In the present invention, a liquid inlet hole having a diameter larger than that of the spherical stopper is formed in a lower portion of the stopper housing portion, and a convex portion is formed to protrude inward from an inner peripheral surface of the liquid inlet hole. In the state where the neck of the container body is directed upward, when the spherical plug is configured to be prevented from falling by the convex portion, a portion of the inner peripheral surface of the plug housing portion in which the convex portion is not protruded. A gap is formed between the inner plug and the spherical plug, and the liquid remaining in the inner plug flows down into the container body through the gap.

[Brief description of the drawings]

FIG. 1 is a front view showing an application container using an embodiment of an inner plug of the present invention.

FIG. 2 is a sectional view showing a main part of the coating container.

FIG. 3 is a sectional view showing an inner plug.

FIG. 4 is a sectional view showing a main part of the inner plug.

FIG. 5 is a sectional view showing the operation of the inner plug.

FIG. 6 is a sectional view showing the operation of the inner plug.

FIG. 7 is a perspective view showing a conventional coating container.
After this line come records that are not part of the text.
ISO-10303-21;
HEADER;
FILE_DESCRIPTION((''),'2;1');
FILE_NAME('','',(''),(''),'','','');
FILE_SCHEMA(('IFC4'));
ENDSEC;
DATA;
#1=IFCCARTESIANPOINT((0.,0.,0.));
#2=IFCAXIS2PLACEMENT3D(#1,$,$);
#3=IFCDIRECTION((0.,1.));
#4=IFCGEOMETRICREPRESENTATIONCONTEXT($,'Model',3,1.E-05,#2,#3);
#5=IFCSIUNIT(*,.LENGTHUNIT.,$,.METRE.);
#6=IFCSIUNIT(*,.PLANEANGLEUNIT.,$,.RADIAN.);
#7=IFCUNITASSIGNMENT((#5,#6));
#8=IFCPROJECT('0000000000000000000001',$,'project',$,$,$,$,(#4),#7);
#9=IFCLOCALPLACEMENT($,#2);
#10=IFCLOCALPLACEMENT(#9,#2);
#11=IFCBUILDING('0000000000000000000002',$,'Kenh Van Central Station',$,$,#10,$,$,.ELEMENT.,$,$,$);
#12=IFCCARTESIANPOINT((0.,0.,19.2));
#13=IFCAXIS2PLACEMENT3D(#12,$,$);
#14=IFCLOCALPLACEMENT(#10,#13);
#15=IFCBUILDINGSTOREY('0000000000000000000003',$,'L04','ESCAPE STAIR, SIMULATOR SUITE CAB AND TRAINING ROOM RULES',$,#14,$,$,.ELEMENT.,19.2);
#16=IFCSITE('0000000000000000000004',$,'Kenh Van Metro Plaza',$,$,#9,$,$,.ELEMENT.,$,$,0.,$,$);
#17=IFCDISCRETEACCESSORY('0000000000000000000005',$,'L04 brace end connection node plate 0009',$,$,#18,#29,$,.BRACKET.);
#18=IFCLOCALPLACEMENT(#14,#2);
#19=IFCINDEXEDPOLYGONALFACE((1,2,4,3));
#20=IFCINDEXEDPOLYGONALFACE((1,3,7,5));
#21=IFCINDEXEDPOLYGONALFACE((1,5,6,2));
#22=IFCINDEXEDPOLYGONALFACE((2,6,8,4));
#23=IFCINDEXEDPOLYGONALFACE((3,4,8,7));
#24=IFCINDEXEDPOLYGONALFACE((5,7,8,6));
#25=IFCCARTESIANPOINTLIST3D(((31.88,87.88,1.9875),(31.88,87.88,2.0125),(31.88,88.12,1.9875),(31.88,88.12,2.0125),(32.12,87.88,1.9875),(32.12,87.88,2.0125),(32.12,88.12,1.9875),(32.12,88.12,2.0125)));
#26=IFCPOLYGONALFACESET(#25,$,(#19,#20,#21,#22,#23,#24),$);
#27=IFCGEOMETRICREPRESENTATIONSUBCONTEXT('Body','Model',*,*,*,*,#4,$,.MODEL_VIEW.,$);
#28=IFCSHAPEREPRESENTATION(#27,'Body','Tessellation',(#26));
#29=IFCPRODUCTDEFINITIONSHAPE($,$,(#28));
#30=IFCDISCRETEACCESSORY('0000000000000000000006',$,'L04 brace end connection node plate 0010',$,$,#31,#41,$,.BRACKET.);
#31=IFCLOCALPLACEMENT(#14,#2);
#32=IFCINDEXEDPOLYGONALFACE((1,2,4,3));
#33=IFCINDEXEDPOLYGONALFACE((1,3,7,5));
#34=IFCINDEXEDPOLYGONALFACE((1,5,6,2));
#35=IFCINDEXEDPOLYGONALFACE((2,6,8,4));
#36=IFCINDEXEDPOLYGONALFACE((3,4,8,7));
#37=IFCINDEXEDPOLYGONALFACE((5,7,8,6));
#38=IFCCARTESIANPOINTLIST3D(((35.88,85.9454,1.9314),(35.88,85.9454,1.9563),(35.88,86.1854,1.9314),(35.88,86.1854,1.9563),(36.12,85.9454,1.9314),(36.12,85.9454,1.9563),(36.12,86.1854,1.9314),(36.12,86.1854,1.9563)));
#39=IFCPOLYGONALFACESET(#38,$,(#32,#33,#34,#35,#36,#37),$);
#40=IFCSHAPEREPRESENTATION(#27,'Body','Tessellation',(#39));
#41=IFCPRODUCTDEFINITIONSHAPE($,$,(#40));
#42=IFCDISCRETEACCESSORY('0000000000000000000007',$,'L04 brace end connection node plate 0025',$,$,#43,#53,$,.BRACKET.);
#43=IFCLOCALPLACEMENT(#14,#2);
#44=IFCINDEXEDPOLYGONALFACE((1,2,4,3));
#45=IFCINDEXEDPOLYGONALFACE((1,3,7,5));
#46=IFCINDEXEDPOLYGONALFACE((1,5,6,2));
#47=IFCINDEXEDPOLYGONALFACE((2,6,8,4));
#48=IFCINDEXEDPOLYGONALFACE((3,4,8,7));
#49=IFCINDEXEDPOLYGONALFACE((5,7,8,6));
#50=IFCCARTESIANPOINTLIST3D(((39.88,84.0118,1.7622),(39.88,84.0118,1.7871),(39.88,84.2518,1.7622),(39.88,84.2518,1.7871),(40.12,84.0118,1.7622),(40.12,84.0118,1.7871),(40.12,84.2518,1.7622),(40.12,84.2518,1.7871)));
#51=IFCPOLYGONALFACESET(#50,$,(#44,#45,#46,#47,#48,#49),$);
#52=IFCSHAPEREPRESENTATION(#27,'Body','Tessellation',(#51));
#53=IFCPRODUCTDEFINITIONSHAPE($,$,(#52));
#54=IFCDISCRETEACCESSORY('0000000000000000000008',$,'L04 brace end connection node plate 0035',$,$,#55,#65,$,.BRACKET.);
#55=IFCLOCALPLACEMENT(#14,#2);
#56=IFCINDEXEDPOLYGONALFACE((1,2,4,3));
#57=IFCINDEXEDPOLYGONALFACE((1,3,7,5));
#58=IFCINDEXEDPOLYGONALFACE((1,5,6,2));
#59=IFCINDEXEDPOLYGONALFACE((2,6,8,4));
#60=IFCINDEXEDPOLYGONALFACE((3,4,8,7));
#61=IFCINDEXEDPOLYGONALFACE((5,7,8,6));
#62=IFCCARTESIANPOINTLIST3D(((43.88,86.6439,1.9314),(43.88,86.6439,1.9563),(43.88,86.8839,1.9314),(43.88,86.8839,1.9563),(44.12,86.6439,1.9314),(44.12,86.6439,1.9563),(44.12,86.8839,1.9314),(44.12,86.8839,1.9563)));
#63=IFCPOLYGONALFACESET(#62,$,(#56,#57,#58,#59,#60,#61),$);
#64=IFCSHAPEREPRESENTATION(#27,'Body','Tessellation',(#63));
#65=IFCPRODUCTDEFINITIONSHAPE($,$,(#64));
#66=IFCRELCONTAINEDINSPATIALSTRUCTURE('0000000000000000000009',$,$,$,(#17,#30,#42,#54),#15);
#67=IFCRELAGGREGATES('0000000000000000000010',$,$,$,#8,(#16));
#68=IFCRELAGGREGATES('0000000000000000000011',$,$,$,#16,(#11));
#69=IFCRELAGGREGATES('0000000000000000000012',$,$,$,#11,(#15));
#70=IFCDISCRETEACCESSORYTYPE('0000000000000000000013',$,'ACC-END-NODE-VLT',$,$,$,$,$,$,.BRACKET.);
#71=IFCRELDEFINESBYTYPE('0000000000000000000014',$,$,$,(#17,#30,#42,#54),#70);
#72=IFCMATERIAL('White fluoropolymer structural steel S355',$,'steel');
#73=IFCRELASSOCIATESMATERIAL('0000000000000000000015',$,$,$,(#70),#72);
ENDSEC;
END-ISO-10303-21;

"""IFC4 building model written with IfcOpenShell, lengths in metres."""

from ifc_helpers import new_model, si_unit, direction, frame, origin, origin_2d, place, context, subcontext, project, spatial, rectangle, extrude, material, type_object, element, save


model = new_model("IFC4")

# Units and contexts
model_context = context("Model", 3, precision=1e-05, world=origin(), true_north=direction((0.0, 1.0)))
body_context = subcontext(model_context, "Body", "Model", "MODEL_VIEW")
ifc_project = project(units=[si_unit("LENGTHUNIT", "METRE"), si_unit("PLANEANGLEUNIT", "RADIAN")], contexts=[model_context])

# Site, building, storey
site_placement = place(None, origin())
site = spatial("IfcSite", under=ifc_project, at=site_placement, Name="Kenh Van Metro Plaza", CompositionType="ELEMENT", RefElevation=0.0)
building_placement = place(site_placement, origin())
building = spatial("IfcBuilding", under=site, at=building_placement, Name="Kenh Van Central Station", CompositionType="ELEMENT")
storey_placement = place(building_placement, frame((0.0, 0.0, 19.2)))
storey = spatial("IfcBuildingStorey", under=building, at=storey_placement, Name="L04", Description="ESCAPE STAIR, SIMULATOR SUITE CAB AND TRAINING ROOM RULES", CompositionType="ELEMENT", Elevation=19.2)

# Shared definitions
ifc_material_1 = material(Name="White fluoropolymer structural steel S355", Category="steel")

# Discrete accessories
discrete_accessory_type_1 = type_object("IfcDiscreteAccessoryType", Name="ACC-END-NODE-VLT", PredefinedType="BRACKET", material=ifc_material_1)
for number, where, z_axis, x_axis, name in (
    (1, (32.0, 88.0, 1.9875), (0.0, 0.0, 1.0), (1.0, 0.0, 0.0), "L04 brace end connection node plate 0009"),
    (2, (36.0, 86.0654, 1.9314), (0.0, 0.0, 1.0), (1.0, 0.0, 0.0), "L04 brace end connection node plate 0010"),
    (3, (40.0, 84.1318, 1.7622), (0.0, 0.0, 1.0), (1.0, 0.0, 0.0), "L04 brace end connection node plate 0025"),
    (4, (44.0, 86.7639, 1.9314), (0.0, 0.0, 1.0), (1.0, 0.0, 0.0), "L04 brace end connection node plate 0035"),
):
    element("IfcDiscreteAccessory", number, at=place(storey_placement, frame(where, z_axis=z_axis, x_axis=x_axis)), inside=storey, type_object=discrete_accessory_type_1, Name=name, PredefinedType="BRACKET", context=body_context, shape_type="SweptSolid", body=[
        extrude(rectangle(XDim=0.24, YDim=0.24, at=origin_2d()), origin(), (0.0, 0.0, 1.0), 0.0249),
    ])

save(model, "model.ifc")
FIG. 8 is a sectional view showing a main part of the coating container.

[Explanation of symbols]

 DESCRIPTION OF SYMBOLS 1 Container main body 1a Neck 17a Flow hole 18 Lower flow path 18b Coating liquid inflow hole 19 Spherical plug

Claims (2)

[Claims] 1. A hollow inner plug for closing a neck opening of a container main body, wherein an outflow passage through which liquid in the container main body flows out of the container main body is provided in a vertical direction. A stopper body accommodating part for accommodating the body is formed, a liquid outlet hole smaller in diameter than the spherical stopper is provided at an upper part of the stopper body accommodating part, and a liquid inlet hole is provided at a lower part. A spherical plug is arranged to be able to roll freely with the inlet hole,
In a state where the neck of the container body is obliquely downward, the liquid flowing into the plug housing from the liquid inlet hole passes through the space between the spherical plug and the peripheral side wall of the plug housing so as to flow out of the liquid outlet hole. The inner plug characterized in that, when the neck of the container body is directed downward, the spherical plug rolls over the liquid outlet hole to close the liquid outlet hole and stop the outflow of the liquid. 2. A liquid inlet hole having a diameter larger than that of the spherical plug body is formed at a lower portion of the stopper housing portion, and a convex portion is provided inwardly from an inner peripheral surface of the liquid inlet hole to form a container body. 2. The inner plug according to claim 1, wherein the convex portion prevents the spherical plug from dropping when the neck is upward.